Last night, was probably the worst night ever. I was going to try to blog about it, but I couldn't seem to find the motivation to type anything. Or even eat. For a while, I couldn't even cry. Everything seemed so dark and bleak. All I wanted to do, was move. Somehow, I have it in my head that all my problems will go away if I move. No, they will still be there, but if I move somewhere warmer I will for sure be happier.

I have seasonal depression, so in the winter I get really really sad. Especially now that I'm home alone all day. There's some days I don't even leave the house.

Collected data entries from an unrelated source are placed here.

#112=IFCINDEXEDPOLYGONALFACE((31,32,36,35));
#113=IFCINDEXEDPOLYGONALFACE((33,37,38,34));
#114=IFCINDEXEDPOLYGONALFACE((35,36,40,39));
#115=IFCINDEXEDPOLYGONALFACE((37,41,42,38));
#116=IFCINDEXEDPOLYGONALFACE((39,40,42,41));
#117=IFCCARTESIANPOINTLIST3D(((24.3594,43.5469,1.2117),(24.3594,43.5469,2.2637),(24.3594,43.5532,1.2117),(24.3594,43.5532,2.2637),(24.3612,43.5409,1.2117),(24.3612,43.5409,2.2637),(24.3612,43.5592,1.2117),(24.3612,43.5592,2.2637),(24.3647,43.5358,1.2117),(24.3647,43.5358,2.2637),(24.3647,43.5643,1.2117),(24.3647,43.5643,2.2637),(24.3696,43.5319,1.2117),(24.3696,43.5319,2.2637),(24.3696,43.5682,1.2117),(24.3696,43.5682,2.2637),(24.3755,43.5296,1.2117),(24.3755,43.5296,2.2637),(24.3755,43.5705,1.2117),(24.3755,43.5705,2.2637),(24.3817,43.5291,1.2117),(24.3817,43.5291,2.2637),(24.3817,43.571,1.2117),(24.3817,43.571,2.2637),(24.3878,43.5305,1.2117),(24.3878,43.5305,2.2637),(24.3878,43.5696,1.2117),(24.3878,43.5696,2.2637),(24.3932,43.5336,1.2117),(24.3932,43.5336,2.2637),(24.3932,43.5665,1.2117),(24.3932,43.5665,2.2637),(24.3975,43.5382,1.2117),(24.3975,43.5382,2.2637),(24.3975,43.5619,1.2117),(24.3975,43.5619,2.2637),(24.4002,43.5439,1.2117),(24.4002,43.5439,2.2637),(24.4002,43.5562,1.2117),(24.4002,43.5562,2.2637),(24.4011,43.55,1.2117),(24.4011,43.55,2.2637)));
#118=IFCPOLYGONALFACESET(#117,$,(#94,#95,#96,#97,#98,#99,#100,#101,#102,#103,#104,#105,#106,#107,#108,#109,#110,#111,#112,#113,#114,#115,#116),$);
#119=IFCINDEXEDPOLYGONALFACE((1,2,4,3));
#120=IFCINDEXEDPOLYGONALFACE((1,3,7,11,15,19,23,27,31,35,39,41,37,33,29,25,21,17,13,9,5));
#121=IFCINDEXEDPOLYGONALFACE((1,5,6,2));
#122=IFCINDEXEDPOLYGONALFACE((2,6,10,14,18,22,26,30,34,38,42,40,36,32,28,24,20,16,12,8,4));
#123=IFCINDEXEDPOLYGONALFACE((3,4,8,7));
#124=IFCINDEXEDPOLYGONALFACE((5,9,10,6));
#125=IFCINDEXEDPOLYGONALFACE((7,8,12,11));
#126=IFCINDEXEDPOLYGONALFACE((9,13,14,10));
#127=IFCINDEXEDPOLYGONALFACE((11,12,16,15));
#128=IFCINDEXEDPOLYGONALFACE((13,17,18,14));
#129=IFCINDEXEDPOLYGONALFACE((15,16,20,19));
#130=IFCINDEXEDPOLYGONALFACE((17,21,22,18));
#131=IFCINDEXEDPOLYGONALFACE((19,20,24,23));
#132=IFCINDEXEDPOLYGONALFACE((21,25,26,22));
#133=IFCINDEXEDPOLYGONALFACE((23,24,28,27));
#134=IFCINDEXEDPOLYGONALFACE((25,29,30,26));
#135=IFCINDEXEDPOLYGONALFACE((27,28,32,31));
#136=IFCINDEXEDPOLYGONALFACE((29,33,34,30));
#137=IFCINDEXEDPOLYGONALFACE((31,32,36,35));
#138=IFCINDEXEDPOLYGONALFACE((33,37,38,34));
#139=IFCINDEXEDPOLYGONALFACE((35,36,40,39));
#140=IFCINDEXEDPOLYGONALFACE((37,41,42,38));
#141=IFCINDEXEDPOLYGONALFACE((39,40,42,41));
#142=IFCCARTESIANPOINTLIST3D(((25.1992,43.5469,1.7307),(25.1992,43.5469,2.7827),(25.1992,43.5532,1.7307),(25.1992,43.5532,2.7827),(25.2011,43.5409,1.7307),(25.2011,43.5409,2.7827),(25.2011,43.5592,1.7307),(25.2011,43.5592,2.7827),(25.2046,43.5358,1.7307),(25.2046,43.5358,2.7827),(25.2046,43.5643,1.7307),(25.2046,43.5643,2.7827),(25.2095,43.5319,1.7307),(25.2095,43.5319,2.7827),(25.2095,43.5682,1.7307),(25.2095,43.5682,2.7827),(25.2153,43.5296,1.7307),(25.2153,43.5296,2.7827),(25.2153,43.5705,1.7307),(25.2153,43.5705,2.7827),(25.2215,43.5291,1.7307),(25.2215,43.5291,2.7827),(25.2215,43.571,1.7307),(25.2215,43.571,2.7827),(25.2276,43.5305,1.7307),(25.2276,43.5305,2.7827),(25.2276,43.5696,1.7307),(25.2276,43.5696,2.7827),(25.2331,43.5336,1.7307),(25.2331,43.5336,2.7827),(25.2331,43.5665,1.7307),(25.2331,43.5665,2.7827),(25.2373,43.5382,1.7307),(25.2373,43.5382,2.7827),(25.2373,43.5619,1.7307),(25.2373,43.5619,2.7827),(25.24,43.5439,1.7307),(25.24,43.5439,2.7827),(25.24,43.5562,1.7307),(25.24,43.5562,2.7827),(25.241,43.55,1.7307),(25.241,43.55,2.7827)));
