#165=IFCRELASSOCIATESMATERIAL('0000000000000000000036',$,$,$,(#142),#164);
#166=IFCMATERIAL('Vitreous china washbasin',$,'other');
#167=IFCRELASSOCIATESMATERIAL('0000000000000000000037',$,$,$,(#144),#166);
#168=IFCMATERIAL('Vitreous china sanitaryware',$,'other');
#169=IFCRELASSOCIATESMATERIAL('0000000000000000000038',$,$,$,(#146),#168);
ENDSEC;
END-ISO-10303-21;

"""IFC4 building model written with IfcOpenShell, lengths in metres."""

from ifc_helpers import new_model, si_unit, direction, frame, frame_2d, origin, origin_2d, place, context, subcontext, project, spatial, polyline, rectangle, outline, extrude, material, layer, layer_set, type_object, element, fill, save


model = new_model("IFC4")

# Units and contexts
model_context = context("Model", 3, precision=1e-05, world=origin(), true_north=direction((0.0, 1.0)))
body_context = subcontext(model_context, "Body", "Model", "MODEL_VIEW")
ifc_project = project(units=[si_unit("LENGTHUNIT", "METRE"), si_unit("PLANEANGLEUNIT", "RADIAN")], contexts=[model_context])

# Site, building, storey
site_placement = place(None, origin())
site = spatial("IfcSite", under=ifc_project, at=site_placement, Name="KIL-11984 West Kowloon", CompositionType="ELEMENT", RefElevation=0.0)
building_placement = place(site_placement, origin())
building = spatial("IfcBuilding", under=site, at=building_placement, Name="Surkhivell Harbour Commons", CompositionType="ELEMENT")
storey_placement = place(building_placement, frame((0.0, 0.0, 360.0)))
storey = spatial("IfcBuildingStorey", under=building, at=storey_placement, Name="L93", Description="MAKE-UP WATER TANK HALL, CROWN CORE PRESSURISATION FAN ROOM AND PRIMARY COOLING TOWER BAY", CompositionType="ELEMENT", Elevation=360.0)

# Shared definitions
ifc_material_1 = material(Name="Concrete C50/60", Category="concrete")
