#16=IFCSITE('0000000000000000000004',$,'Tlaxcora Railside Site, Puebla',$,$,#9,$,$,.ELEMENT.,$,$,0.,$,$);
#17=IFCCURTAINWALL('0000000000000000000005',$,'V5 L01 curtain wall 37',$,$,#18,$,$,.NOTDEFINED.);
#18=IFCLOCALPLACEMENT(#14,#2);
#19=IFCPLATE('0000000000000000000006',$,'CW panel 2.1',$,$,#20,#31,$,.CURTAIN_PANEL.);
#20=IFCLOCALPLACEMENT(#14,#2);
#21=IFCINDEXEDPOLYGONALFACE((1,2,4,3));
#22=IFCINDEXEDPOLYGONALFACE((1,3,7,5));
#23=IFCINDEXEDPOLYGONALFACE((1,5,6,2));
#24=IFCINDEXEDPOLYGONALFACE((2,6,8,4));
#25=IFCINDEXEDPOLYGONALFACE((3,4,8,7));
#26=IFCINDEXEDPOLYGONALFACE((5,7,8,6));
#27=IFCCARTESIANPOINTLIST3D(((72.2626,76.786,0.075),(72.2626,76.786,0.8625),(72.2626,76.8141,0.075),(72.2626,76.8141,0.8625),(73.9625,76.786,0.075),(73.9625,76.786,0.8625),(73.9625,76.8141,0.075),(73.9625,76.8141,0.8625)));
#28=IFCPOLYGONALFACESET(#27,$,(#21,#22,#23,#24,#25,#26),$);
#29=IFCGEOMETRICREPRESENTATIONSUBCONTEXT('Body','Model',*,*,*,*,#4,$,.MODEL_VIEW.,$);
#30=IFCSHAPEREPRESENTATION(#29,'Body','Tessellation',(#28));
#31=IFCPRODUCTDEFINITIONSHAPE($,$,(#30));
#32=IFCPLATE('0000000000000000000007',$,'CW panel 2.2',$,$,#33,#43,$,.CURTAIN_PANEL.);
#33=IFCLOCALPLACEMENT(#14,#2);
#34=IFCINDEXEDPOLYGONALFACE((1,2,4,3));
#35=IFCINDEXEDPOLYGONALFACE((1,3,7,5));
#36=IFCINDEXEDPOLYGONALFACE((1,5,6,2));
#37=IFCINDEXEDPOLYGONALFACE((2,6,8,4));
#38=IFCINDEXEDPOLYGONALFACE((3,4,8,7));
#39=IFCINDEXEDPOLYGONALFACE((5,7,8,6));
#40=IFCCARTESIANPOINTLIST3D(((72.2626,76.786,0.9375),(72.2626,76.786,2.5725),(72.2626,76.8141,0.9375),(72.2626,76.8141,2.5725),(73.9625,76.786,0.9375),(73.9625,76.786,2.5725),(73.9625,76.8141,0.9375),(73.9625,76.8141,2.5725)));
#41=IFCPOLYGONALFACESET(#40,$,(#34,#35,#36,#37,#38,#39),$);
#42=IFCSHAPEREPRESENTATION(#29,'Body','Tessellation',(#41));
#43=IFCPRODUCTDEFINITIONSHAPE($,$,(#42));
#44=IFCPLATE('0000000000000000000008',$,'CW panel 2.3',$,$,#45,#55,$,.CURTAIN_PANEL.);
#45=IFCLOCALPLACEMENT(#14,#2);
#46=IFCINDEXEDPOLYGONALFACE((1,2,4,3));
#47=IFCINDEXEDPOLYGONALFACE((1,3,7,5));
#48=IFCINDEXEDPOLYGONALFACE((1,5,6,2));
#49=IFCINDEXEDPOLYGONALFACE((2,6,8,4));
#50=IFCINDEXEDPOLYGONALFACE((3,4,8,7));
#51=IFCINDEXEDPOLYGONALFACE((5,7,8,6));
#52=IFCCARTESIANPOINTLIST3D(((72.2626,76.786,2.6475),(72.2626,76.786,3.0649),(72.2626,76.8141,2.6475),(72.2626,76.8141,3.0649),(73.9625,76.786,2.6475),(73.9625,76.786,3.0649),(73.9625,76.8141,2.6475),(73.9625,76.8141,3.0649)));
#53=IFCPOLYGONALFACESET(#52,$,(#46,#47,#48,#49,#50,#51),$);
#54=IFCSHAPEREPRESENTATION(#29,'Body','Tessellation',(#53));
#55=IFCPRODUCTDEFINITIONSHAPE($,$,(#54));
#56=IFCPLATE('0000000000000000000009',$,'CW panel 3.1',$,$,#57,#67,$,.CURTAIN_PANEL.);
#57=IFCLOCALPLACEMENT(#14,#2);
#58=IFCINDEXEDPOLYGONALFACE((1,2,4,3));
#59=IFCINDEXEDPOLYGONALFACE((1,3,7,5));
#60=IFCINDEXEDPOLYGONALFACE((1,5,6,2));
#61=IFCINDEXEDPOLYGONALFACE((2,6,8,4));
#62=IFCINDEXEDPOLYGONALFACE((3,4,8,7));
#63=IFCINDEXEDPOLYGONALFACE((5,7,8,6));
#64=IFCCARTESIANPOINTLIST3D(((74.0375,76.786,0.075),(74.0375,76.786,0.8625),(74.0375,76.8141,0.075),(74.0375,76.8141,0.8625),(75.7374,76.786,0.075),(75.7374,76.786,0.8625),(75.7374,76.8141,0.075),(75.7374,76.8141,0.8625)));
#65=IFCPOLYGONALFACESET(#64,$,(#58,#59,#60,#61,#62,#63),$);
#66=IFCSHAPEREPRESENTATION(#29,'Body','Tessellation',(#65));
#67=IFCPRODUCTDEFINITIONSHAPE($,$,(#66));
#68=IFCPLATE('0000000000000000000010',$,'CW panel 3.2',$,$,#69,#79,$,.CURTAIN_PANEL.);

Yesterday I just wanted to scream for someone to understand. My mom never seems to know what to do. I'm not sure why, she's reading a ton of articles and ED books. But last night, she didn't even notice that I had almost skipped dinner. Her best friends cat just died, so I guess her mind was on that a lot..

I don't mean to demand a lot of attention, I just want someone to care. To understand. To say, I know exactly how you feel.

I did end up eating dinner later, but it was pretty small and mainly centered around fruits and vegetables. I'm just so tired of all of this. I really want to move, I want to work out, to be able to eat more. I figure, weight gain will be a little easier if I don't notice it. Like If I'm doing tennis inside a lot, doing things I love, being happy. If I'm just sitting on my butt all the time, and eating more, I don't know what I'll do. I won't let that happen though. I don't know, I'll have to talk to my therapist when I meet her for the first time next week.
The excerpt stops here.